Before they began rubbing elbows, Pinto gave the students some tips for successful networking. Here are a dozen of her most helpful hints that would be useful for any young professional:

  1. Make eye contact, but not too much.
  2. Have a firm handshake, but not a death grip.
  3. Authenticity is everything. Be professional, but be you.
  4. Deal with the person in front of you, not the title. Don’t be intimidated by a contact who is high on the corporate ladder, just think of them as another person to connect with.
  5. If you’re wearing a nametag, put it on your right side so that when you shake hands, the person your shaking hands with can easily read your name.
  6. Be aware of your nonverbal communication and the messages your body stance and facial expressions are sending.
  7. Listen! Don’t just talk or think about what to say next, but truly listen to the person your speaking with. Allow them to do more of the talking.
  8. When you leave the conversation, find a way to show that you were listening. Something like, “It was nice to meet you and I’ll be sure to check out some of those concerts on the Bayfront.”

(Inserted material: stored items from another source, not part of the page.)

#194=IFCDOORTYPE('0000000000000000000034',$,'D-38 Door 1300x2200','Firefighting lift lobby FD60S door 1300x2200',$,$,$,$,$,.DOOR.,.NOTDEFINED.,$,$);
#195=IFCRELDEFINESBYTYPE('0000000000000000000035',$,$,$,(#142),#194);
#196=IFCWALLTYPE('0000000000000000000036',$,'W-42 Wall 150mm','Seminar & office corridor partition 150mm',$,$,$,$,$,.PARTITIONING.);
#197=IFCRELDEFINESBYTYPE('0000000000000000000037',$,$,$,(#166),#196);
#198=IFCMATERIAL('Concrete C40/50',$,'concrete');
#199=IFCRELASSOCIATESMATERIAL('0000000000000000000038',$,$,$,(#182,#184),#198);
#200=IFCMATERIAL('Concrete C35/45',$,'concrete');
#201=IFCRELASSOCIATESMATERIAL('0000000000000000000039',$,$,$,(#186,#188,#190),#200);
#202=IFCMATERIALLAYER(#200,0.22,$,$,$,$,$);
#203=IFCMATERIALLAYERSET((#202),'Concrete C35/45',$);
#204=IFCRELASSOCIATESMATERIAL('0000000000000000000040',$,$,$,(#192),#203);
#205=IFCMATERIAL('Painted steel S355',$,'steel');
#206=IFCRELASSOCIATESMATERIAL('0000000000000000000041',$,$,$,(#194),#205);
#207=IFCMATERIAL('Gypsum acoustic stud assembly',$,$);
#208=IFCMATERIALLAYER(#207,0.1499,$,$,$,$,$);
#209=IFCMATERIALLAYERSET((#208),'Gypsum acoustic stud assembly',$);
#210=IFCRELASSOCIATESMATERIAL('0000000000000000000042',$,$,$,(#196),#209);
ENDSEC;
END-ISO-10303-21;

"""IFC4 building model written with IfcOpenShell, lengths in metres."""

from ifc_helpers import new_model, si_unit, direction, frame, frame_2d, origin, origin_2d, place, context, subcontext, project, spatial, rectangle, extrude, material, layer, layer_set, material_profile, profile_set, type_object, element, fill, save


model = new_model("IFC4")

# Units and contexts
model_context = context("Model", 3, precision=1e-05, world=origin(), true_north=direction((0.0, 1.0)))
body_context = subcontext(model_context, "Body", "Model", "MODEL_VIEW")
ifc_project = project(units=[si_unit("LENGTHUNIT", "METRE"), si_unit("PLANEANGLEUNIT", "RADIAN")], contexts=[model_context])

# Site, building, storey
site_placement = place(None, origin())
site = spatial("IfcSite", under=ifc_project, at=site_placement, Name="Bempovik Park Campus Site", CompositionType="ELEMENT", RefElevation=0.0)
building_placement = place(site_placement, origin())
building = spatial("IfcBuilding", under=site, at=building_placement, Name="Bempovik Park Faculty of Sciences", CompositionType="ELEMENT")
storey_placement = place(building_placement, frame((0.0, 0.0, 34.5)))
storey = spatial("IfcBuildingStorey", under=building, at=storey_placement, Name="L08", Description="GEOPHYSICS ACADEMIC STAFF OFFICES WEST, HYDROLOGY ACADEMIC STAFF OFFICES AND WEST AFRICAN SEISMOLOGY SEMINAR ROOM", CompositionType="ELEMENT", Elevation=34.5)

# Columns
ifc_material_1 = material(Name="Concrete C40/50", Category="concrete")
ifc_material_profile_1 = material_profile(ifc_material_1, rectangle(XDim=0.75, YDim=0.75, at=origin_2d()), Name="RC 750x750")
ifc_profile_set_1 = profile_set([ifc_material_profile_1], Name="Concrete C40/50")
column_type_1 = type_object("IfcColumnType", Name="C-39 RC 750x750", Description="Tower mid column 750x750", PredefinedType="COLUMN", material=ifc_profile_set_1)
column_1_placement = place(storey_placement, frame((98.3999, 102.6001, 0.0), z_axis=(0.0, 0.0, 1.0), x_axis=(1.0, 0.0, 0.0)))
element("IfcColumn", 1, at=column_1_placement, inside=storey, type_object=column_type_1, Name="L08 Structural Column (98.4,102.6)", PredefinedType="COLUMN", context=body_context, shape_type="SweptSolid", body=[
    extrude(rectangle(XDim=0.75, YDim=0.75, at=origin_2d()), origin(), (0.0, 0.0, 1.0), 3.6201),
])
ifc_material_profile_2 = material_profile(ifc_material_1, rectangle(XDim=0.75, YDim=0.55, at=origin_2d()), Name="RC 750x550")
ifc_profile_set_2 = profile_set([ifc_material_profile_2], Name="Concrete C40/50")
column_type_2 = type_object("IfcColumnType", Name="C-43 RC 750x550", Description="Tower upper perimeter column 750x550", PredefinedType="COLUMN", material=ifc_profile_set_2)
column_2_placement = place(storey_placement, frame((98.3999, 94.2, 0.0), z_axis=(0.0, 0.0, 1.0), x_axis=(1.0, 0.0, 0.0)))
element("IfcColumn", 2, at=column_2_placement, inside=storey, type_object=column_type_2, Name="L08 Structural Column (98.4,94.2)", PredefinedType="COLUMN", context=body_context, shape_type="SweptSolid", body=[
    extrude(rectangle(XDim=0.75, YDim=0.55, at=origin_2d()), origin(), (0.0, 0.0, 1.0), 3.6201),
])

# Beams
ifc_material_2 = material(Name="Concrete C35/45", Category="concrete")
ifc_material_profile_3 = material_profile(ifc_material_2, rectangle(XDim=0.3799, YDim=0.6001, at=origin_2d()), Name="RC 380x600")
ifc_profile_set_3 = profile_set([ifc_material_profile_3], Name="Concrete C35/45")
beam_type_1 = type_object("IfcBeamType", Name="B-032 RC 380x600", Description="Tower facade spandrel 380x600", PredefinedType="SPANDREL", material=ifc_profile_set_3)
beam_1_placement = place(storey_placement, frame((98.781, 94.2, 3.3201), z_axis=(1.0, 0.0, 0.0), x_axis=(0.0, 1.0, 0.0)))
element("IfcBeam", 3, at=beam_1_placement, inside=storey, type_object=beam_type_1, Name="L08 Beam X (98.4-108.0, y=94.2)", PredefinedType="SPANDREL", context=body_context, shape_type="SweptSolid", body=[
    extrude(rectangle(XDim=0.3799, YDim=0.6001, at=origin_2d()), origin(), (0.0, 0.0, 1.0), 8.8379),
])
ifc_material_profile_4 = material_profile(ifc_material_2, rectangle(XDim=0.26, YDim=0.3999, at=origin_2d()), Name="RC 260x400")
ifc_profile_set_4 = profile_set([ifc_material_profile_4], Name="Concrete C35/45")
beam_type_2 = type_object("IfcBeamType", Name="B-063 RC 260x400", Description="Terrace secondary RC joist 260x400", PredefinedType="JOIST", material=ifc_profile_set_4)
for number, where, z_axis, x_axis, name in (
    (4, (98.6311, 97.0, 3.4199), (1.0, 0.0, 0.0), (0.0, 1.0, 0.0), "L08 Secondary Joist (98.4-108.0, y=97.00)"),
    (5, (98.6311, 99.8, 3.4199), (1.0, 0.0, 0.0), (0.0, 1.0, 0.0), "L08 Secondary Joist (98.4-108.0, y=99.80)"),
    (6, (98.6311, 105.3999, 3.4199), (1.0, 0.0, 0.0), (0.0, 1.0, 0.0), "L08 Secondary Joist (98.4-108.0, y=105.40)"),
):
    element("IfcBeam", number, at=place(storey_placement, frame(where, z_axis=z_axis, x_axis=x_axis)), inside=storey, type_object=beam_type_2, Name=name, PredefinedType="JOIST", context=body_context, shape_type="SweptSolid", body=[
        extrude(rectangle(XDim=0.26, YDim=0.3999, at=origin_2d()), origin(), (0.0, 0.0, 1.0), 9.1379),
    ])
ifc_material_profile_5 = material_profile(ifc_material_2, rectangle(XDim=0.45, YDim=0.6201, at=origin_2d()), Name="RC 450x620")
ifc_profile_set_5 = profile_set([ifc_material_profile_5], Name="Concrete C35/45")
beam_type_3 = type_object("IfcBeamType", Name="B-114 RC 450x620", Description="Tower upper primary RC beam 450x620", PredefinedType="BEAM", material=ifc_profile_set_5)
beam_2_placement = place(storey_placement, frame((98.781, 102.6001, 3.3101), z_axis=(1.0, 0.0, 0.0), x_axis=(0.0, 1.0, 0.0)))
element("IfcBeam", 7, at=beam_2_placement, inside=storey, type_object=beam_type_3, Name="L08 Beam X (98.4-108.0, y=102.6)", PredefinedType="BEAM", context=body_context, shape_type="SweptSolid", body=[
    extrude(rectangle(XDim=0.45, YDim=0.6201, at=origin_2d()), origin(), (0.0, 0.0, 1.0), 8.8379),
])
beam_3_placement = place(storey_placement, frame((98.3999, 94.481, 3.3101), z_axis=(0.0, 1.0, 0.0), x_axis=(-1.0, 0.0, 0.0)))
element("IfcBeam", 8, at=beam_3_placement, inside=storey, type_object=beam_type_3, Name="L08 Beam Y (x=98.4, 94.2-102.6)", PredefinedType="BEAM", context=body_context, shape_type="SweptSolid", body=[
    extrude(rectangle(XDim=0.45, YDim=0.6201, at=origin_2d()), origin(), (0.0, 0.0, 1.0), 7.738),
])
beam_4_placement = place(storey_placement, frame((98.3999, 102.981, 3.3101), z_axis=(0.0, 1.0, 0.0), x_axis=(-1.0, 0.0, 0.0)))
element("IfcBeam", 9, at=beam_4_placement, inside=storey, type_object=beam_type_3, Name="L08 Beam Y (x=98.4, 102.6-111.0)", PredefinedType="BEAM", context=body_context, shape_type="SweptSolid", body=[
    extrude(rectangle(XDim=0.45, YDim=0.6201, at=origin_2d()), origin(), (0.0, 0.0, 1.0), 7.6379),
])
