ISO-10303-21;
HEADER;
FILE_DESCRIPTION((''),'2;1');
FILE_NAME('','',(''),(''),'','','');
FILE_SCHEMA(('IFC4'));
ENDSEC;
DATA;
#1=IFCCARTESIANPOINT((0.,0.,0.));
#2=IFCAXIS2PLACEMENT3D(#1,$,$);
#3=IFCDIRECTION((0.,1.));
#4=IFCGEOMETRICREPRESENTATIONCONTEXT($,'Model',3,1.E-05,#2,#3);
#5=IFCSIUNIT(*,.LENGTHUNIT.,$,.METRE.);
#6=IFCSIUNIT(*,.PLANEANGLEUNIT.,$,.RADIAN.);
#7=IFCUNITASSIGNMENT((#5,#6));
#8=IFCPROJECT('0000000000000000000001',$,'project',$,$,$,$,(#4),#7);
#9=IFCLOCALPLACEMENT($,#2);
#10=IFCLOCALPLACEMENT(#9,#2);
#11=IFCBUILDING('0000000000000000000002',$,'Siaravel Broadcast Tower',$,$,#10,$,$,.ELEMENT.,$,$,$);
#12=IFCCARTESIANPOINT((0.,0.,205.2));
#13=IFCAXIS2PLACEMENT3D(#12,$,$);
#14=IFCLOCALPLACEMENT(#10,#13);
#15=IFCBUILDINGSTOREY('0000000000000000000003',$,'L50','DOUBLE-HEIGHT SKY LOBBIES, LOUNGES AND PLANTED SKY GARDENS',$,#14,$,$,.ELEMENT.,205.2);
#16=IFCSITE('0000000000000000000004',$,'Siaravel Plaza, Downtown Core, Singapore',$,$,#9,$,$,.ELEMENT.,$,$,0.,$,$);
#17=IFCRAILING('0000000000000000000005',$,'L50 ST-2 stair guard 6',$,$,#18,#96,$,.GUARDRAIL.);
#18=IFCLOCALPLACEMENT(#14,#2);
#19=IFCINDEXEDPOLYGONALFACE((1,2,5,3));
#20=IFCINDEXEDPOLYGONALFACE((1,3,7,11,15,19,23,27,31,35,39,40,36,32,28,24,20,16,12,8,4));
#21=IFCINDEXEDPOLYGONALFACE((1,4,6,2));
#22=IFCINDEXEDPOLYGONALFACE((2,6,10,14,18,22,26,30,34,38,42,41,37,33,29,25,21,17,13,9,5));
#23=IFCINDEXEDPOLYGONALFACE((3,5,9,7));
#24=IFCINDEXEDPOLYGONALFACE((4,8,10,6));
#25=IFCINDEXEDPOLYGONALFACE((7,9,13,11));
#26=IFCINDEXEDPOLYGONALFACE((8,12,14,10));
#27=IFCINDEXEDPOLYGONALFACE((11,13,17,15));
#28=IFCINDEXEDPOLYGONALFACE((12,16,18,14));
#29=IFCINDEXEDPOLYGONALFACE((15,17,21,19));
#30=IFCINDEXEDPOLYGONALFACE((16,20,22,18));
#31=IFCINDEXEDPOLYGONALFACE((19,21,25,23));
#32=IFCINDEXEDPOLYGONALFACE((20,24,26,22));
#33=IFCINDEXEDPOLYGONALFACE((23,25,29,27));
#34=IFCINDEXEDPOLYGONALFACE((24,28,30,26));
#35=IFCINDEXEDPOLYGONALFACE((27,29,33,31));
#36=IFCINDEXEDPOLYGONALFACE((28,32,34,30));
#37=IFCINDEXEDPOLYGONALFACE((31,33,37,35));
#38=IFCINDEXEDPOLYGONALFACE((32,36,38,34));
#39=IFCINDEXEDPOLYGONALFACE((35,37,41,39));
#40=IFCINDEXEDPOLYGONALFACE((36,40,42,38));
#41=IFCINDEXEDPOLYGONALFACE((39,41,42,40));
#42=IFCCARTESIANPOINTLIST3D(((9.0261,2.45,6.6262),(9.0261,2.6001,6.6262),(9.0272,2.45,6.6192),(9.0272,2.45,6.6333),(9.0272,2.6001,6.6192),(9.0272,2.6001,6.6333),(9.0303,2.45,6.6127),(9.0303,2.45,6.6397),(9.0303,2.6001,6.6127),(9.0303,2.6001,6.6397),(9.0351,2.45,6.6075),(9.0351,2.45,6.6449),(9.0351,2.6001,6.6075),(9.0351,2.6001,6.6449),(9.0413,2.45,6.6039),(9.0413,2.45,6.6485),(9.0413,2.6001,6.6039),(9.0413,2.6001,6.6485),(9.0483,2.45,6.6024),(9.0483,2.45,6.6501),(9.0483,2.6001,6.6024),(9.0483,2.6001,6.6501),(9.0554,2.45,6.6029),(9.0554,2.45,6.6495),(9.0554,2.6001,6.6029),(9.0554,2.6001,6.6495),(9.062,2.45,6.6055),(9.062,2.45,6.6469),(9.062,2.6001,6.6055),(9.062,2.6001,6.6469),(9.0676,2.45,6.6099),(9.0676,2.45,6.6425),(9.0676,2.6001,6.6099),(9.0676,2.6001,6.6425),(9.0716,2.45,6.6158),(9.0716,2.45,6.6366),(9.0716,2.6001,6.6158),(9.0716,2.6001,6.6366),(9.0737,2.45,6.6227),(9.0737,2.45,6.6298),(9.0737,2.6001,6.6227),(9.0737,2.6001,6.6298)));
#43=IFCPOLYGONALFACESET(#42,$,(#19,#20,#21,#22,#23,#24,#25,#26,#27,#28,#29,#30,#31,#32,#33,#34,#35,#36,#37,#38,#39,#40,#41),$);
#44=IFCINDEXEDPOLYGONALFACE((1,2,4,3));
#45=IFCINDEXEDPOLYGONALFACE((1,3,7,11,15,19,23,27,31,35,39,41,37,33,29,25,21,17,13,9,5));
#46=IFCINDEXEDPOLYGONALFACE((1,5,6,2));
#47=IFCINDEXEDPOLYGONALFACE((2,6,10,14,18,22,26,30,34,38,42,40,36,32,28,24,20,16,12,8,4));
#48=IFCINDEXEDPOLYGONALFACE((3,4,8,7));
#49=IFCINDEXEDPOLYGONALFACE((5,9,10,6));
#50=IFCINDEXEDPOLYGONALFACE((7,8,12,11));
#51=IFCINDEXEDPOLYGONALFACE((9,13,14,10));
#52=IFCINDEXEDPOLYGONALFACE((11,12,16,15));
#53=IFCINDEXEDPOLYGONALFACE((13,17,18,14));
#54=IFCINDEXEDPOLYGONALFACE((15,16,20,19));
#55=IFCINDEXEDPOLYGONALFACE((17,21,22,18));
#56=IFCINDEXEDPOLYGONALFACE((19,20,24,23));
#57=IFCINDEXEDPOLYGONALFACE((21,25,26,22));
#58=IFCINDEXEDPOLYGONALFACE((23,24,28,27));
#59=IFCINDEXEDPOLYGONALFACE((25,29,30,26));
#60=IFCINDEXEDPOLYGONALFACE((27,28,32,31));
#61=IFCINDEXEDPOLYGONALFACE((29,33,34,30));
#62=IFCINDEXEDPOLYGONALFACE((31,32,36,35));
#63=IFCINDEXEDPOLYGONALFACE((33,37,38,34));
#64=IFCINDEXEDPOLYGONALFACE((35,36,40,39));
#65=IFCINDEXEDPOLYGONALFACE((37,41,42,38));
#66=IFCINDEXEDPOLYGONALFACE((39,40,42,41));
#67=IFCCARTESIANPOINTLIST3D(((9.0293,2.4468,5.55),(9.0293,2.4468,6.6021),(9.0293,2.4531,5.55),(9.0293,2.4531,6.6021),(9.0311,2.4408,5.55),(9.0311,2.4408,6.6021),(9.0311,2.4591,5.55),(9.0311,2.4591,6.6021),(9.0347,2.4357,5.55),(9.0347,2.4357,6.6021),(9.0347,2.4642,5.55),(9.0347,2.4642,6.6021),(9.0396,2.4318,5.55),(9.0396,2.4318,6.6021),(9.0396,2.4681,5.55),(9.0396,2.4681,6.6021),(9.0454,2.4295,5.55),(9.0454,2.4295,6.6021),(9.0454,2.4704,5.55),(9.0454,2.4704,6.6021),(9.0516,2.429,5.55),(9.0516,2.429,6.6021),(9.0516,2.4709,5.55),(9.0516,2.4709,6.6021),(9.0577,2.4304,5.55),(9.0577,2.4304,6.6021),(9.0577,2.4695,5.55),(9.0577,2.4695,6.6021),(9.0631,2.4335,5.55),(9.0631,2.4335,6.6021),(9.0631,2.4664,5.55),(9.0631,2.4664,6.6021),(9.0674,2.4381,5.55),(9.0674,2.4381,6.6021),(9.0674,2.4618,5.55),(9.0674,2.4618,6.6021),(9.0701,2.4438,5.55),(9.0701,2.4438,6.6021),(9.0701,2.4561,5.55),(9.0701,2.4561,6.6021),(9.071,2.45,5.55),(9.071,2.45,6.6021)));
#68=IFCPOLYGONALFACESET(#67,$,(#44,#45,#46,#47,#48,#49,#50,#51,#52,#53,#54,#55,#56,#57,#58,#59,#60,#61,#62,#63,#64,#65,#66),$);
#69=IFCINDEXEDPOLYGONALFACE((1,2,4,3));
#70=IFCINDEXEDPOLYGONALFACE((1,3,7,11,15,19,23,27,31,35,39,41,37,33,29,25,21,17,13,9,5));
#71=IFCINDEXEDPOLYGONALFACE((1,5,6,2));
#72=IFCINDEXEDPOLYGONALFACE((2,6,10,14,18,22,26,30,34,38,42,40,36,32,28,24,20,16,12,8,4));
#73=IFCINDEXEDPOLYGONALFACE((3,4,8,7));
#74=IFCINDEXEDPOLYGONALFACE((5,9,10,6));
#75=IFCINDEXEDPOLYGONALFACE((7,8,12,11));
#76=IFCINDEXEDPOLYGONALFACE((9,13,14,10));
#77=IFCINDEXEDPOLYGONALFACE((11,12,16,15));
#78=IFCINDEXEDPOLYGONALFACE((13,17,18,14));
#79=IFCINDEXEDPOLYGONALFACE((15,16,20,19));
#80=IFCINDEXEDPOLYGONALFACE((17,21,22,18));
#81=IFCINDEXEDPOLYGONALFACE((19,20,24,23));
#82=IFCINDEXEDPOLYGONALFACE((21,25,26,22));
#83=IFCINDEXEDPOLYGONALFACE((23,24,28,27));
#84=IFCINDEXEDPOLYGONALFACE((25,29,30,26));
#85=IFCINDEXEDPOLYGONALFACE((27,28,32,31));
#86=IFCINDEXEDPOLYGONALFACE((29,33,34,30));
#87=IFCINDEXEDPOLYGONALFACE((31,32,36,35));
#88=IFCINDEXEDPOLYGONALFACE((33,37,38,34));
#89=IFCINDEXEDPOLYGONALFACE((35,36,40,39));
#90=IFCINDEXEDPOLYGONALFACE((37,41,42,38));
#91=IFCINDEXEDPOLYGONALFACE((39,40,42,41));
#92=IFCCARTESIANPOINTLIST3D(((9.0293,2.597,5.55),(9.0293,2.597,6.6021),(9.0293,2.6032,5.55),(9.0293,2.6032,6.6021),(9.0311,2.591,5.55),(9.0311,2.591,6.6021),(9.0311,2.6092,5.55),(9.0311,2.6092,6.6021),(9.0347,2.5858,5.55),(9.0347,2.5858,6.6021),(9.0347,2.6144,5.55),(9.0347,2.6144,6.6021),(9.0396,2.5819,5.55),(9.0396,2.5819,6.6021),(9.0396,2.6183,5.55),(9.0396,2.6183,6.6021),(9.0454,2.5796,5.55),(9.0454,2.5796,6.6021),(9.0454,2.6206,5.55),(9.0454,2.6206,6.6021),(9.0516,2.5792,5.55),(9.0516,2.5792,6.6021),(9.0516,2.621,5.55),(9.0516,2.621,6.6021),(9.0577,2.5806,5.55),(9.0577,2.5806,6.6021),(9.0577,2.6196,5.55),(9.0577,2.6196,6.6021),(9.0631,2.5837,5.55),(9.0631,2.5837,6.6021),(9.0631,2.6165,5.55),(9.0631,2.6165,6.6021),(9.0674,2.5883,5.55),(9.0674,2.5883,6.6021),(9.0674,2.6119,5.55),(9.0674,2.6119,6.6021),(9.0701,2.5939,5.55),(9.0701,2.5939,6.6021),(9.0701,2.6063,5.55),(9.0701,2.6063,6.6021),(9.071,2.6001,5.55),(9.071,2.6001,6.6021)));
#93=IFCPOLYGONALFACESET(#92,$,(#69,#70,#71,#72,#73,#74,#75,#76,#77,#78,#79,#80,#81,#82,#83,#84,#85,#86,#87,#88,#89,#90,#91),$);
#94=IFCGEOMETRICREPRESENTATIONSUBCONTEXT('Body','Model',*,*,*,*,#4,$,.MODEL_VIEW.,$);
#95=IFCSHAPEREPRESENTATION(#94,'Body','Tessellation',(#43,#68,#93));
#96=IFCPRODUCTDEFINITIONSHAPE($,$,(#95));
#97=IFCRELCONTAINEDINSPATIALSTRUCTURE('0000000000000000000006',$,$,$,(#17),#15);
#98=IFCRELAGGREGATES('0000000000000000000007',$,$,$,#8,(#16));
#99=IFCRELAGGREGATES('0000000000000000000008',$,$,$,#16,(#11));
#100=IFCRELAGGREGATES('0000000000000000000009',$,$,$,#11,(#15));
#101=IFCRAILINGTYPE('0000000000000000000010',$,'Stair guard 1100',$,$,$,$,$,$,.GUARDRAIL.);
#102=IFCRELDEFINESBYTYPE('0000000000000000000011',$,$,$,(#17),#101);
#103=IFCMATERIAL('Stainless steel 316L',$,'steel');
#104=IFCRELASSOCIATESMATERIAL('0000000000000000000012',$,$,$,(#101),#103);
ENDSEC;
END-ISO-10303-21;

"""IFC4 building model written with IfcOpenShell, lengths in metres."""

from ifc_helpers import new_model, si_unit, direction, frame, origin, origin_2d, place, context, subcontext, project, spatial, circle, extrude, material, type_object, element, save


model = new_model("IFC4")

# Units and contexts
model_context = context("Model", 3, precision=1e-05, world=origin(), true_north=direction((0.0, 1.0)))
body_context = subcontext(model_context, "Body", "Model", "MODEL_VIEW")
ifc_project = project(units=[si_unit("LENGTHUNIT", "METRE"), si_unit("PLANEANGLEUNIT", "RADIAN")], contexts=[model_context])

# Site, building, storey
site_placement = place(None, origin())
site = spatial("IfcSite", under=ifc_project, at=site_placement, Name="Siaravel Plaza, Downtown Core, Singapore", CompositionType="ELEMENT", RefElevation=0.0)
building_placement = place(site_placement, origin())
building = spatial("IfcBuilding", under=site, at=building_placement, Name="Siaravel Broadcast Tower", CompositionType="ELEMENT")
storey_placement = place(building_placement, frame((0.0, 0.0, 205.2)))
storey = spatial("IfcBuildingStorey", under=building, at=storey_placement, Name="L50", Description="DOUBLE-HEIGHT SKY LOBBIES, LOUNGES AND PLANTED SKY GARDENS", CompositionType="ELEMENT", Elevation=205.2)

# Railing
ifc_material_1 = material(Name="Stainless steel 316L", Category="steel")
railing_type_1 = type_object("IfcRailingType", Name="Stair guard 1100", PredefinedType="GUARDRAIL", material=ifc_material_1)
for number, where, name in (
    (1, (9.05, 2.45, 5.55), "L50 ST-2 stair guard 6"),
):
    element("IfcRailing", number, at=place(storey_placement, frame(where)), inside=storey, type_object=railing_type_1, Name=name, PredefinedType="GUARDRAIL", context=body_context, shape_type="SweptSolid", body=[
        extrude(circle(Radius=0.0239, at=origin_2d()), frame((0.0, 0.0, 1.0762), z_axis=(0.0, 1.0, 0.0), x_axis=(-1.0, 0.0, 0.0)), (0.0, 0.0, 1.0), 0.1501),
        extrude(circle(Radius=0.021, at=origin_2d()), origin(), (0.0, 0.0, 1.0), 1.052),
        extrude(circle(Radius=0.021, at=origin_2d()), frame((0.0, 0.1501, 0.0)), (0.0, 0.0, 1.0), 1.052),
    ])

save(model, "model.ifc")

  9. Have a positive attitude. When you meet people, they hear your words, but they pay attention to your attitude. Never talk badly about anyone or anything and refrain from complaining.
  10. Work the room. Don’t just stand in one area or talk to one person all night. Force yourself out of your comfort zone and have conversations with as many people as you can.
  11. Send a thank you note. A personalized email is generally accepted today, but a handwritten note really stands out.
  12. Mind your manners. Hold the door for people, show gratitude for servers, smile at everyone from the coat check clerk to the CEO. Manners matter and they are noticed.